- Education: Juilliard School
- Occupations: Flutist, composer, singer, professor
- Organization(s): Juilliard School Handel and Haydn Society New York New Music Ensemble
- Musical career
- Genres: Baroque pop, classical, indie pop
- Instruments: Flute; vocals;
- Label: Arezzo Music;
- Website: emiferguson.com

= Emi Ferguson =

Emi Ferguson is an English-American flutist, performer, singer, composer, and professor at the Juilliard School.

== Early life ==
Ferguson was born in Japan to English parents. A few years later, her family moved to London and then to Boston, Massachusetts. She graduated from The Winsor School in 2005 and then attended college at Juilliard School. Ferguson was the first person to graduate from Juilliard with both undergraduate and graduate degrees with scholastic distinction in flute performance. While pursuing her Bachelor's in flute performance, she studied epidemiology at Columbia University's Mailman School of Public Health. She also received a second Master's degree, which was in historical performance as a Paul and Daisy Soros Fellow. This program was Juilliard's inaugural historical performance class, with renowned musician William Christie conducting auditions, and Ferguson was the only flutist accepted.

== Career ==

=== Performance ===
Ferguson plays both baroque and modern flute around the world as a soloist and with groups. In January 2019, Ferguson became the Principal Flute for the Handel and Haydn Society. She currently performs with several other groups, ensembles, and orchestras as well, including the New York New Music Ensemble, American Modern Opera Company (AMOC*), Tafelmusik, and Manhattan Chamber Players. She has also previously performed with the Argento Chamber Ensemble, New York Baroque Incorporated, and New Vintage Baroque.

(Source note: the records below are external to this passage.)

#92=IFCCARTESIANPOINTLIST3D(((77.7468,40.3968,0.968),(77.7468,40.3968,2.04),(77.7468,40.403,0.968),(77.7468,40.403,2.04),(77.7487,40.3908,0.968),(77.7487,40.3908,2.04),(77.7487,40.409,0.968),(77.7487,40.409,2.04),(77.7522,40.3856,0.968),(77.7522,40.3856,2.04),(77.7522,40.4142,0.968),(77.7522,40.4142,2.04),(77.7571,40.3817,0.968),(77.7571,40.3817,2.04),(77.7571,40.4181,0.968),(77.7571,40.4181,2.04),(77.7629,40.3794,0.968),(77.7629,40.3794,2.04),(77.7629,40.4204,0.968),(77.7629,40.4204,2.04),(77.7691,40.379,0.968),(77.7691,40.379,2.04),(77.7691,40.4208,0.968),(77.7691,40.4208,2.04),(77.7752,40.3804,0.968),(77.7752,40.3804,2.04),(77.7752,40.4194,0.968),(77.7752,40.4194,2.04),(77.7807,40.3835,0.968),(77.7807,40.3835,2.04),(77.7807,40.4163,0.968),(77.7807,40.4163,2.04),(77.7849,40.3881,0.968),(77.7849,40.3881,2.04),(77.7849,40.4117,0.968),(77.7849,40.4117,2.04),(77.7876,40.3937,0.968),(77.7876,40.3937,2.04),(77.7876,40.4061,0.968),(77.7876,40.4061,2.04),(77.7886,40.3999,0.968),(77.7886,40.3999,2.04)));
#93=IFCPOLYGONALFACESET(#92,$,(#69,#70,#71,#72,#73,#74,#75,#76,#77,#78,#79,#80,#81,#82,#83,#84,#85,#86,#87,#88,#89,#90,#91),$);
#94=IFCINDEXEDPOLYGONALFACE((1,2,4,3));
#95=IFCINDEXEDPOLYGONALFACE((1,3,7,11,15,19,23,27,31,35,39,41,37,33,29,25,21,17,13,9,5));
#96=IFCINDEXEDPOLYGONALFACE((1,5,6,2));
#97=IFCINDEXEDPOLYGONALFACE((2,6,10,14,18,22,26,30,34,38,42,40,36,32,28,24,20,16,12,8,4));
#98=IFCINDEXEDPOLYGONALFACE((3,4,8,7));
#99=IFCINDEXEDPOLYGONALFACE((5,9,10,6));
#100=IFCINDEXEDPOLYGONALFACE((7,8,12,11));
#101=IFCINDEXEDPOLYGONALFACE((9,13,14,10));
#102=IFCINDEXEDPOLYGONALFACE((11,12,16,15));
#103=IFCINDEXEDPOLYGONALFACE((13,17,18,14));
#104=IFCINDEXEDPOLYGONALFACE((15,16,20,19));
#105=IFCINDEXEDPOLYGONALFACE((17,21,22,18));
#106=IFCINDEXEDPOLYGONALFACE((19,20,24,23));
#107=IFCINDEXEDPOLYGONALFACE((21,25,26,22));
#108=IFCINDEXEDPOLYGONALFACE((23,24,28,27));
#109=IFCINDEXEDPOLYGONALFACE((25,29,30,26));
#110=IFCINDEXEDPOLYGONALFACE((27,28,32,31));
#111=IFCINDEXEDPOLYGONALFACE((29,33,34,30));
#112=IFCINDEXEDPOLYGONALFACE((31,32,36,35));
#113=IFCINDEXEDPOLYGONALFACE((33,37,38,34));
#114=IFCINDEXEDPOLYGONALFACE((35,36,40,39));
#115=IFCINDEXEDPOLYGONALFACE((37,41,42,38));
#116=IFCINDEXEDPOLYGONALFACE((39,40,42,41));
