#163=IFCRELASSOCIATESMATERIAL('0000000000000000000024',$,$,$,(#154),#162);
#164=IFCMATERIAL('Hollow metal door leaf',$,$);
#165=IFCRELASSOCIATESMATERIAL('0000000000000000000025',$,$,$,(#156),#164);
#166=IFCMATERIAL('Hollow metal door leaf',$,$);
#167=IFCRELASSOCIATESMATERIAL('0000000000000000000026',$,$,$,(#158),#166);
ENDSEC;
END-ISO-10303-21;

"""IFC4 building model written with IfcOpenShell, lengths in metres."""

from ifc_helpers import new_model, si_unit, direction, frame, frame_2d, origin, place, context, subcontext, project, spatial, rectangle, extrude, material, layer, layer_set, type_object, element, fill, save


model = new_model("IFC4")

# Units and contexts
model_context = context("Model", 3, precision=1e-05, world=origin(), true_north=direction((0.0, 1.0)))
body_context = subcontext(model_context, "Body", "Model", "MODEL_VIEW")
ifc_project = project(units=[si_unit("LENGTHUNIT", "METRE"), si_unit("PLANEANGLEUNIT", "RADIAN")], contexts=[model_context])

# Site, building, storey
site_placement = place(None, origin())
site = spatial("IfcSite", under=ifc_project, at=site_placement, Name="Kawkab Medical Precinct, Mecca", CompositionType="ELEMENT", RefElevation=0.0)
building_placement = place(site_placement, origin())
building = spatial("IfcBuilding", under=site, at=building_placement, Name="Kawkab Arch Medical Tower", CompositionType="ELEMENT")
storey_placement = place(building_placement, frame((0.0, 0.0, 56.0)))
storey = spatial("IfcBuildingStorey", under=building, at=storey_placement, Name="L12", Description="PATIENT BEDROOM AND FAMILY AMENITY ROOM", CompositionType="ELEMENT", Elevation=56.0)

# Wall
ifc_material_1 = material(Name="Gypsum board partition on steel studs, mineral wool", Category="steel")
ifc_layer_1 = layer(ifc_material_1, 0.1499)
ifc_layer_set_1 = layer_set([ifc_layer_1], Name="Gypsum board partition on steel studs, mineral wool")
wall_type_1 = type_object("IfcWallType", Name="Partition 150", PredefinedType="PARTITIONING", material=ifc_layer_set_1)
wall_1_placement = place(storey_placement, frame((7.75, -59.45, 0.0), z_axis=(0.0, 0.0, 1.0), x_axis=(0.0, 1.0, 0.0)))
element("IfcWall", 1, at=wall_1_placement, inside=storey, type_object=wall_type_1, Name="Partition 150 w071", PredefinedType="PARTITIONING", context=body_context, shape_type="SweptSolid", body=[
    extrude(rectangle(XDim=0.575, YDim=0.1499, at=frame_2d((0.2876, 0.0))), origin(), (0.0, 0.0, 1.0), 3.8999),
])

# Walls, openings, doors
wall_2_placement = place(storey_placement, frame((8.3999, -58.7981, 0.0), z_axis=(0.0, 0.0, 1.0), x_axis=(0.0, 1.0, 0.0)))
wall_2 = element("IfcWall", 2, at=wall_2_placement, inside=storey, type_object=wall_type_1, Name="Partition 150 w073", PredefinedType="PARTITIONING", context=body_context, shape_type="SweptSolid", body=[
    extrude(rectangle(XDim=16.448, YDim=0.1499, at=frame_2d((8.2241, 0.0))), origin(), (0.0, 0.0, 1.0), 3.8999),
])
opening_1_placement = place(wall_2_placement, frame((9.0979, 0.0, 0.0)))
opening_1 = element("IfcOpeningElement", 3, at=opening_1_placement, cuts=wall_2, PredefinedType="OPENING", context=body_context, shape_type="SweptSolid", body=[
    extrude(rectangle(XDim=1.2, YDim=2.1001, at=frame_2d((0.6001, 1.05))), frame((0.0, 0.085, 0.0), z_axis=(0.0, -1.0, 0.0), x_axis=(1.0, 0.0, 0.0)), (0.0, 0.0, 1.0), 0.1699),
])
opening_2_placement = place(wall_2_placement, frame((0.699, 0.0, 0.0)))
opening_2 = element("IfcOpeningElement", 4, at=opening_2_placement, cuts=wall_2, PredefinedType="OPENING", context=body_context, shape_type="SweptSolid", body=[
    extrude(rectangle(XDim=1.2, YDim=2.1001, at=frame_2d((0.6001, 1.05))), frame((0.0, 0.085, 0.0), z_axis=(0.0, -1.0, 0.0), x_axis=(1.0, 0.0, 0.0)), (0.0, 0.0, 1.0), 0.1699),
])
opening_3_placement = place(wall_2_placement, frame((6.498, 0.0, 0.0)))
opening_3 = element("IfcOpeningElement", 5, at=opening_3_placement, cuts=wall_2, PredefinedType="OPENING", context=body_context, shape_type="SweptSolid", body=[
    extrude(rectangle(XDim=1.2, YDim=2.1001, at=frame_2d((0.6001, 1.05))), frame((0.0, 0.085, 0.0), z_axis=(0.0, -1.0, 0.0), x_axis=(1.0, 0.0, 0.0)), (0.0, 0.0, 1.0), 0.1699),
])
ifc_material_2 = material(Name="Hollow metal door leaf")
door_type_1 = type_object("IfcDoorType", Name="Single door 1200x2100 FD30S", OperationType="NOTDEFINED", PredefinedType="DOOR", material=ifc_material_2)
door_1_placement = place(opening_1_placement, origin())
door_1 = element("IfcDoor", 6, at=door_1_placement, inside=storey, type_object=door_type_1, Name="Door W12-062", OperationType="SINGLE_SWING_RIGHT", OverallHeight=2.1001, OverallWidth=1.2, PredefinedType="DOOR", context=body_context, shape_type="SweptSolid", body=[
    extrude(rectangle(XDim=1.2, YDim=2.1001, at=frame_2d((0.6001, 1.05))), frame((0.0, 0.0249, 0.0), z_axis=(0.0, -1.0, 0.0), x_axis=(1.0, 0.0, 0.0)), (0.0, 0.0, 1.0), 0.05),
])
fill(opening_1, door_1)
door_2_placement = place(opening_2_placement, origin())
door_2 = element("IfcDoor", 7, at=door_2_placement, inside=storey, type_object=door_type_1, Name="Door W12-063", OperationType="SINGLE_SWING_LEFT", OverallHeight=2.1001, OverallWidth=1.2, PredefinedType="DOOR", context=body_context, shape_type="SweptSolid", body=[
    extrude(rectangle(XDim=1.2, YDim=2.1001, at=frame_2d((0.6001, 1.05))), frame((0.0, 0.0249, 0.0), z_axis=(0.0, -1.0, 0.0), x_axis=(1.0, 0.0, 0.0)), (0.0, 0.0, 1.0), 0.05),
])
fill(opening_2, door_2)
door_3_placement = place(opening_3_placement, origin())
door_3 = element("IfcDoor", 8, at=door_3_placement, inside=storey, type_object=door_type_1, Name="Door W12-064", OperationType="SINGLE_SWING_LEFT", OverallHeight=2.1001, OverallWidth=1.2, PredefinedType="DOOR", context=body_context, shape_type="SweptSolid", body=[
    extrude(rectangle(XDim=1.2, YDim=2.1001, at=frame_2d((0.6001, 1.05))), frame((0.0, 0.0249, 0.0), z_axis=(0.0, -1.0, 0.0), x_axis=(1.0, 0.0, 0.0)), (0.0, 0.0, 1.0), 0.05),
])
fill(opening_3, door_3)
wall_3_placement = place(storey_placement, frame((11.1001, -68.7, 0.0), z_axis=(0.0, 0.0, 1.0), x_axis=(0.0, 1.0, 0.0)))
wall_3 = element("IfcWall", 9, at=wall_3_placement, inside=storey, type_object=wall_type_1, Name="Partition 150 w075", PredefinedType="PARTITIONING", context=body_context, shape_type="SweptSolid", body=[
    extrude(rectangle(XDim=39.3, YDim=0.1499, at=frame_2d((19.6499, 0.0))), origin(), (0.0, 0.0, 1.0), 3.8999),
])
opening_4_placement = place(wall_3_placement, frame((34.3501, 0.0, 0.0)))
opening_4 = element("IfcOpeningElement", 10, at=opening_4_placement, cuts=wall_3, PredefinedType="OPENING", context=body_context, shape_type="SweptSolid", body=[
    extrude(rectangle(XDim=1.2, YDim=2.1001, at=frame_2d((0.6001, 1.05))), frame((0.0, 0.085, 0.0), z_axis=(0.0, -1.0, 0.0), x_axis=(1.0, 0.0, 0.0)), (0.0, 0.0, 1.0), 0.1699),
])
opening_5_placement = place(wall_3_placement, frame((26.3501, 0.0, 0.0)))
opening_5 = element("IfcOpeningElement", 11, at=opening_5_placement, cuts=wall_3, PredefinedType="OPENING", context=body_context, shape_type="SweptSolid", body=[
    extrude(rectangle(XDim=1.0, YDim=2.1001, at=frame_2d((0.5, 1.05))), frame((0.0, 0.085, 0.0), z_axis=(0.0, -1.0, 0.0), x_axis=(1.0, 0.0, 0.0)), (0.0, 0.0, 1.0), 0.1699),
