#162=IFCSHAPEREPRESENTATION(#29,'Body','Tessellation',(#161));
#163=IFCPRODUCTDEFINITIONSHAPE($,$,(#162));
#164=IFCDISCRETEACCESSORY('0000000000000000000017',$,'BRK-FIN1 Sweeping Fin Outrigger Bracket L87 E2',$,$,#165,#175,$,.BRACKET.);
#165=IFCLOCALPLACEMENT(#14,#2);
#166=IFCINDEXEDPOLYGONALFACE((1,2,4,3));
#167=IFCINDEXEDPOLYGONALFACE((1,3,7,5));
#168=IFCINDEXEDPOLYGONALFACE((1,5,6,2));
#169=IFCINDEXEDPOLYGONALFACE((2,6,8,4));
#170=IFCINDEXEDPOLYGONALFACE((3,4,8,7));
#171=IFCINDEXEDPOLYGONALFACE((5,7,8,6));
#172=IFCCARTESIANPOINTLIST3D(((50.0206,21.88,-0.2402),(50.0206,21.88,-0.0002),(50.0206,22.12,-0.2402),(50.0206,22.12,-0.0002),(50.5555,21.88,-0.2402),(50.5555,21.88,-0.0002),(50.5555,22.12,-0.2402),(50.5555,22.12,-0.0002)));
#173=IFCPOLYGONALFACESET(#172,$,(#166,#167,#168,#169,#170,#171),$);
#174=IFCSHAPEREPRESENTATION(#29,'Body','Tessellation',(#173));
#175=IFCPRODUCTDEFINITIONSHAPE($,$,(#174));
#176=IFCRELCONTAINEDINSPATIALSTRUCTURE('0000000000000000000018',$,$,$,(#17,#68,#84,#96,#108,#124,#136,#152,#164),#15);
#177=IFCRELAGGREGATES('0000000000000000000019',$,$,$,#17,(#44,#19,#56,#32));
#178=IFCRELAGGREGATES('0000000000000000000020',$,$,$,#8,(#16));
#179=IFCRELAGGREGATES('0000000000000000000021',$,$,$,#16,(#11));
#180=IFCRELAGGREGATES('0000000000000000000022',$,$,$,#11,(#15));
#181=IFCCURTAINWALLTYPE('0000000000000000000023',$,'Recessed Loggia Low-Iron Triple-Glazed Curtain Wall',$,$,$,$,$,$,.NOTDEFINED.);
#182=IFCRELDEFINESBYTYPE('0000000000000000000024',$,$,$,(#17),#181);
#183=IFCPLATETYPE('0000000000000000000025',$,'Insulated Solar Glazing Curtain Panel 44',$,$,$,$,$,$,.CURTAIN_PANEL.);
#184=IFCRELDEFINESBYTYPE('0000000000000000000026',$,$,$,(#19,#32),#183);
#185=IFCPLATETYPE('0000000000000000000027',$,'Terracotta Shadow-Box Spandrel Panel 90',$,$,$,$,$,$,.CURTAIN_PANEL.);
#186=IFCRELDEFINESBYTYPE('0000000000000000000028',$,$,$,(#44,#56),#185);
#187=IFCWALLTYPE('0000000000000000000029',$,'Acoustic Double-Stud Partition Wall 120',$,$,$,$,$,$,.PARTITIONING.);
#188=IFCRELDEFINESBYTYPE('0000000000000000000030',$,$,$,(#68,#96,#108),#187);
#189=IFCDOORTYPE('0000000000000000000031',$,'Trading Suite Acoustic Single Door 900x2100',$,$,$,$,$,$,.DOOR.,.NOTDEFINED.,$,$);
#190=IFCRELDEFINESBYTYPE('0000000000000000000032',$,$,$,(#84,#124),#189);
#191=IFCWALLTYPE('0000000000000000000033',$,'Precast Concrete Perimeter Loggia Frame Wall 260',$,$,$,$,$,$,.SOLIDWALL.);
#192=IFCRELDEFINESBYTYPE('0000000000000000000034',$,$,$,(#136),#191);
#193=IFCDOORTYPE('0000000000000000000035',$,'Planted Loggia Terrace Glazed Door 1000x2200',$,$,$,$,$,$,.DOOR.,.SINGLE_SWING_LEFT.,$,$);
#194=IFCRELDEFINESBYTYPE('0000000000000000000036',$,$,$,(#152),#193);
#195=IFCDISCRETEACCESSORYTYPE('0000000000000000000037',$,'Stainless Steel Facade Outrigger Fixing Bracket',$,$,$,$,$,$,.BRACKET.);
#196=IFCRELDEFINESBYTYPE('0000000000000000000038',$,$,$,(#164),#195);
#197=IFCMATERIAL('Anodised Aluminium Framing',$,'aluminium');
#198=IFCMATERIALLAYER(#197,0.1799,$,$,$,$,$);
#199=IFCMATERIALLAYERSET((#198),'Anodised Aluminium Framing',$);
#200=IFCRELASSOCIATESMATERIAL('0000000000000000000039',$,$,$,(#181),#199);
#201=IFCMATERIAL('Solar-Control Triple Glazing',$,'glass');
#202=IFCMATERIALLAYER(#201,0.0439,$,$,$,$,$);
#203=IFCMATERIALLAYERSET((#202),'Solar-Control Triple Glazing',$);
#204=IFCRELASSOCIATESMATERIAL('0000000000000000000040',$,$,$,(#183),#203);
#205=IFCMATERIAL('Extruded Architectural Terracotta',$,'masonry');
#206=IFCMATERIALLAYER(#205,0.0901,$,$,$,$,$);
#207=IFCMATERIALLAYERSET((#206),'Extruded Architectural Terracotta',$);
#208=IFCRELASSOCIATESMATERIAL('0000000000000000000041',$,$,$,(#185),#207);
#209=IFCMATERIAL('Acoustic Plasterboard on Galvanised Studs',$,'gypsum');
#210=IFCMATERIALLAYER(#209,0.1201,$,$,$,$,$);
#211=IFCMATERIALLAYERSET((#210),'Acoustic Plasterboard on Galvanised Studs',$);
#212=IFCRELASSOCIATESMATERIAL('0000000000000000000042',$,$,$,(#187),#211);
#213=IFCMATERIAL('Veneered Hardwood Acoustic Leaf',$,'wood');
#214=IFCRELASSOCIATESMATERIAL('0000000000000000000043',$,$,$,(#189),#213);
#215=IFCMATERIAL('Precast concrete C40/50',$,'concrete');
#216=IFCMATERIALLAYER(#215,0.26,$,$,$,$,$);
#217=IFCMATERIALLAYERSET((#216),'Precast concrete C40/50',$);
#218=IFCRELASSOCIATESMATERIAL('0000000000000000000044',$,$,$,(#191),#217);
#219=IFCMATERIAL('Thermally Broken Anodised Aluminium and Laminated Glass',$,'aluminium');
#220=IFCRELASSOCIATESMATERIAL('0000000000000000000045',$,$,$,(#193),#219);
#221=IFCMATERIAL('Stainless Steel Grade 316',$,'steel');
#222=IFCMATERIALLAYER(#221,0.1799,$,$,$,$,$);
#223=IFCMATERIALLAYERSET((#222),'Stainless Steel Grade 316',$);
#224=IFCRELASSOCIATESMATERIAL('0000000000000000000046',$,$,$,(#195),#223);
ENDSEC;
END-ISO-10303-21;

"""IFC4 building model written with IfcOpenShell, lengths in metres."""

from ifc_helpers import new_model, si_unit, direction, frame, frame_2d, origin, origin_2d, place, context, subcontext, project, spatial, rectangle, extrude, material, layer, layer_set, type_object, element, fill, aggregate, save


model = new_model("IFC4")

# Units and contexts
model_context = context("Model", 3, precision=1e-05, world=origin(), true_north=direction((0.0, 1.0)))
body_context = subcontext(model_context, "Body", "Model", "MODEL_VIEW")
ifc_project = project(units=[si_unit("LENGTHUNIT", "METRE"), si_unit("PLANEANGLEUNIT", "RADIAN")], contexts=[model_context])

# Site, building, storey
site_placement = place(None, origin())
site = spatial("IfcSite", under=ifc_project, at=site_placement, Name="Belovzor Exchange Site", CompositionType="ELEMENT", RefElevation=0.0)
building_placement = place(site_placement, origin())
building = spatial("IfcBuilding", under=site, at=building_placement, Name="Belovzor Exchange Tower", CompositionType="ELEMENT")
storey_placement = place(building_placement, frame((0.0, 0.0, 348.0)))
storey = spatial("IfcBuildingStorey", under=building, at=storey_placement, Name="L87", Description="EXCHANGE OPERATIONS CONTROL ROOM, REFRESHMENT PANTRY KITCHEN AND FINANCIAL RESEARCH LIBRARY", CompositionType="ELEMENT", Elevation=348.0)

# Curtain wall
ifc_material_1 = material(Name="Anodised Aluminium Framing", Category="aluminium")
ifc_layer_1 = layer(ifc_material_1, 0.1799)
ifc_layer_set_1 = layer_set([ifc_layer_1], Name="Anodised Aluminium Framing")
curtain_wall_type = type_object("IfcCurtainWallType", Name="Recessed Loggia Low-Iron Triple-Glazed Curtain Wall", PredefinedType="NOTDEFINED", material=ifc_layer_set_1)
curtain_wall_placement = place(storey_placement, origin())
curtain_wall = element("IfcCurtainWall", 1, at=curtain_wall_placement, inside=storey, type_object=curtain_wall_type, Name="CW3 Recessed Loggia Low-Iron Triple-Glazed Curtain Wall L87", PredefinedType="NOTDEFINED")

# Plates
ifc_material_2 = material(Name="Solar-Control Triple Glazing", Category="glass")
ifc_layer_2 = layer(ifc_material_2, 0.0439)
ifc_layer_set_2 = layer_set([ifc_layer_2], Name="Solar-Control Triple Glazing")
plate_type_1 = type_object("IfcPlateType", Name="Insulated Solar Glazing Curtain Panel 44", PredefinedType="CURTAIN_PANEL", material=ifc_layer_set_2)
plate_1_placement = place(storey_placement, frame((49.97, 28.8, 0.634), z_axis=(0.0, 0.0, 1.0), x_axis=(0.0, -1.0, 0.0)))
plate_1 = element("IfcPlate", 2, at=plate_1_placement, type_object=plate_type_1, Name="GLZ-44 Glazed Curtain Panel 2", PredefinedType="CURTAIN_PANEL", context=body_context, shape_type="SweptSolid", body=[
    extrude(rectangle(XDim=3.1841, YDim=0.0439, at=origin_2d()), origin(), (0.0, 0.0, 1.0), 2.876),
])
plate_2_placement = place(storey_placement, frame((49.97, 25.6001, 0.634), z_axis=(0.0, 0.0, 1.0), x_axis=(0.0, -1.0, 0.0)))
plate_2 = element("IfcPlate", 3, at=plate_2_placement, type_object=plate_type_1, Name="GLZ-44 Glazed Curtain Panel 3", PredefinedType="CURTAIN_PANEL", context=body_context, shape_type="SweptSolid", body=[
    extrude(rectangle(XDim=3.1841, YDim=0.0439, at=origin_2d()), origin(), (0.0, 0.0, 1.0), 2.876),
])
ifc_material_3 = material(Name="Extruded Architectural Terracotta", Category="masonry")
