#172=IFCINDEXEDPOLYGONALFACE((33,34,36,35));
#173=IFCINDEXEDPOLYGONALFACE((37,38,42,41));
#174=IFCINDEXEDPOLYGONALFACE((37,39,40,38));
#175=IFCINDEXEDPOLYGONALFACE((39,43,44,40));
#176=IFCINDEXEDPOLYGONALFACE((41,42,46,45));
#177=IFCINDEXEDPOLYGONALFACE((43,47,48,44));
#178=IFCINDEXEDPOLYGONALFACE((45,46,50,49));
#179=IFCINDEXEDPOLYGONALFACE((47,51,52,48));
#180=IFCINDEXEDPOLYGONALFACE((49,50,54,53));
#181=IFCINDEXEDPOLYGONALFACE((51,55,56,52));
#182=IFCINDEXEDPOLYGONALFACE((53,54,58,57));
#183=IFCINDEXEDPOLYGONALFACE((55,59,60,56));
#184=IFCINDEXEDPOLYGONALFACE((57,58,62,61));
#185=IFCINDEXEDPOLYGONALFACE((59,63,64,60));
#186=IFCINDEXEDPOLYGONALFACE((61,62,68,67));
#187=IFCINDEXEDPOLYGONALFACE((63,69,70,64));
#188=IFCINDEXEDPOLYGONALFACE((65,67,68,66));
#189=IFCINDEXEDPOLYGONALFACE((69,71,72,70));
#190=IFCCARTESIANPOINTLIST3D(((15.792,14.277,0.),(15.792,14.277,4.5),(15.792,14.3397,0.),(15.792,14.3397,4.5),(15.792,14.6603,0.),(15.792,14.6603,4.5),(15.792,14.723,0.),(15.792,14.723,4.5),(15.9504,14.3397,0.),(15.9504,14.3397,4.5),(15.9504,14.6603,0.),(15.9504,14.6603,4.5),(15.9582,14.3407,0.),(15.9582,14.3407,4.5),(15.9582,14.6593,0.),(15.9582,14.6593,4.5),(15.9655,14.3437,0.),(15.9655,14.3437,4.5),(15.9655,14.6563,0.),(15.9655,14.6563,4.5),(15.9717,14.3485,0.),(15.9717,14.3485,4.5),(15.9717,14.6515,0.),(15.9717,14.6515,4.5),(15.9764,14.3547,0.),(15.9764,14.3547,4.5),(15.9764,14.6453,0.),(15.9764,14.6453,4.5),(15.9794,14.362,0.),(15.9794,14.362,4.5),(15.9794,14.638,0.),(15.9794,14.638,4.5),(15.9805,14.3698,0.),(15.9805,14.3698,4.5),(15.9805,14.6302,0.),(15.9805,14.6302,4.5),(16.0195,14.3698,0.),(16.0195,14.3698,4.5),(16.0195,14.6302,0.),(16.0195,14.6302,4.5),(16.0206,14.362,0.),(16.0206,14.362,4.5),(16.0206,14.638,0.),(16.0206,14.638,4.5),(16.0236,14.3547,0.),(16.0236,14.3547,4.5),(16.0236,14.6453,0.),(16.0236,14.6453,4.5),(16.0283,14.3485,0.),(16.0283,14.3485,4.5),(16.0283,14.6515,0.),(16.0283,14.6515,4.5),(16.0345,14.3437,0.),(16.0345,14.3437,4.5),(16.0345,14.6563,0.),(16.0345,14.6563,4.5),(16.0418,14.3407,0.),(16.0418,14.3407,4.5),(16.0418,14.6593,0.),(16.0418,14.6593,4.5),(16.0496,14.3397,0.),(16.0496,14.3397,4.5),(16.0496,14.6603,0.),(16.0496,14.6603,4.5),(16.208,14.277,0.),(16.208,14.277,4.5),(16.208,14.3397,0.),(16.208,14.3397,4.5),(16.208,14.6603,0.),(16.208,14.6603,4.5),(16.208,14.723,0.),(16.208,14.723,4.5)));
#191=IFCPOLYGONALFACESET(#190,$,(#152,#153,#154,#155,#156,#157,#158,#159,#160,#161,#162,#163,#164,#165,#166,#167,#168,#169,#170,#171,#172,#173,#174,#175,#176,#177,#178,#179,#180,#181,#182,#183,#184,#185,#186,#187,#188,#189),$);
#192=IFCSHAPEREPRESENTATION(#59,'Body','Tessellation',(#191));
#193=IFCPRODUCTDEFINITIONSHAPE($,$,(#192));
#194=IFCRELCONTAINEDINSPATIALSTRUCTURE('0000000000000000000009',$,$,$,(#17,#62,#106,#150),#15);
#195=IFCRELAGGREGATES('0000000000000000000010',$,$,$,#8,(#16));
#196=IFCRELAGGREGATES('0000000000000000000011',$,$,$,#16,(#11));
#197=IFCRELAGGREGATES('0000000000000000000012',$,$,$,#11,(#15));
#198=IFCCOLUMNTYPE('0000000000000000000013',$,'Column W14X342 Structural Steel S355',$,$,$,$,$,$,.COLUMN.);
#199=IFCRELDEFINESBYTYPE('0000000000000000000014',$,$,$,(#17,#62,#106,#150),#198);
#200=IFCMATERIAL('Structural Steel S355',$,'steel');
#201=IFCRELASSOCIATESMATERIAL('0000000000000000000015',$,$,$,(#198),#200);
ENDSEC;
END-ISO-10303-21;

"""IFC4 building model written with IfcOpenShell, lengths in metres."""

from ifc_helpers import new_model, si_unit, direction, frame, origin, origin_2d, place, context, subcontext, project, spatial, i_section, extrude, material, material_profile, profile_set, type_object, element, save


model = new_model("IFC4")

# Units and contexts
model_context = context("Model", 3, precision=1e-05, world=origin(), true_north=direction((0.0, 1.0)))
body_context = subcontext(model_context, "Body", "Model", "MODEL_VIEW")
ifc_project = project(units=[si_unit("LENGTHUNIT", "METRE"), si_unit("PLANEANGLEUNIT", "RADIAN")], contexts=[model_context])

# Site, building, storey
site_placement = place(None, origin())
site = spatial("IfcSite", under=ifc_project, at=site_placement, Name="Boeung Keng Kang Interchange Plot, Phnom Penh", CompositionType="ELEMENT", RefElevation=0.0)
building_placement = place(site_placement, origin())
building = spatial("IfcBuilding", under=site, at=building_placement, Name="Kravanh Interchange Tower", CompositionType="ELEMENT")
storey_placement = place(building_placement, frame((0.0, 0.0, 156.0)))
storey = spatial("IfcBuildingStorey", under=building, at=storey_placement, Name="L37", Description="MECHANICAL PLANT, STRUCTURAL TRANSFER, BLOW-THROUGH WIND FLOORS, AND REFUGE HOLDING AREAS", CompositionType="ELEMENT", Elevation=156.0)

Ferguson likes to fuse different music genres together as well as music from different centuries. She is frequently applauded for her "unique approach to the flute" and for her ability to "stretch the boundaries of baroque music."

=== Albums ===
She has released two solo albums. In September 2017, she released her debut album, Amour Cruel, on which she is the flutist, composer, singer, and arranger. Described as a crossover between indie pop and classical, the album was on the Classical, Classical Crossover, and World Music Billboard Charts for four weeks. A classical music critic from The Washington Post described the album as "a modern hit" and The Boston Globe described Amour Cruel as sounding like "what would happen if Lana del Rey ended up at Louis XIV's court."

In June 2019, she released her second album, Fly the Coop: Bach Sonatas and Precludes with the group Ruckus Early Music. The album debuted at #1 on the iTunes Classical Charts and at #2 on the Classical Albums and Traditional Classical Billboard Charts. Classical Radio Boston characterized the album as "unleash[ing] the kind of unexpected music-making that must have delighted and tickled audiences in Bach’s day" and notes that Ferguson "jams with sheer dazzle."

=== Teaching ===
She currently is on faculty at Juilliard, where she teaches Ear Training, as well as at the Bach Virtuosi Festival. She has previously taught at the University at Buffalo.

== Honors and awards ==
She has spoken and performed at many TEDx events and made appearances in Amazon's The Marvelous Mrs. Maisel, Vox's Netflix: Explained, and The Discovery Channel, among many others. Her work has been featured and acclaimed in news sources such as The New York Times, The Washington Post, and The Boston Globe.

Ferguson has won numerous awards. She was 1st Prize winner of the Juilliard Concerto Competition, of the National Flute Association's Young Artist Competition, of the New York Flute Club Young Artist competition, of the Mid-Atlantic Flute Competition, of the J.C. Arriaga Chamber Music Competition, and was a recipient of the 2014 Salon de Virtuosi grant.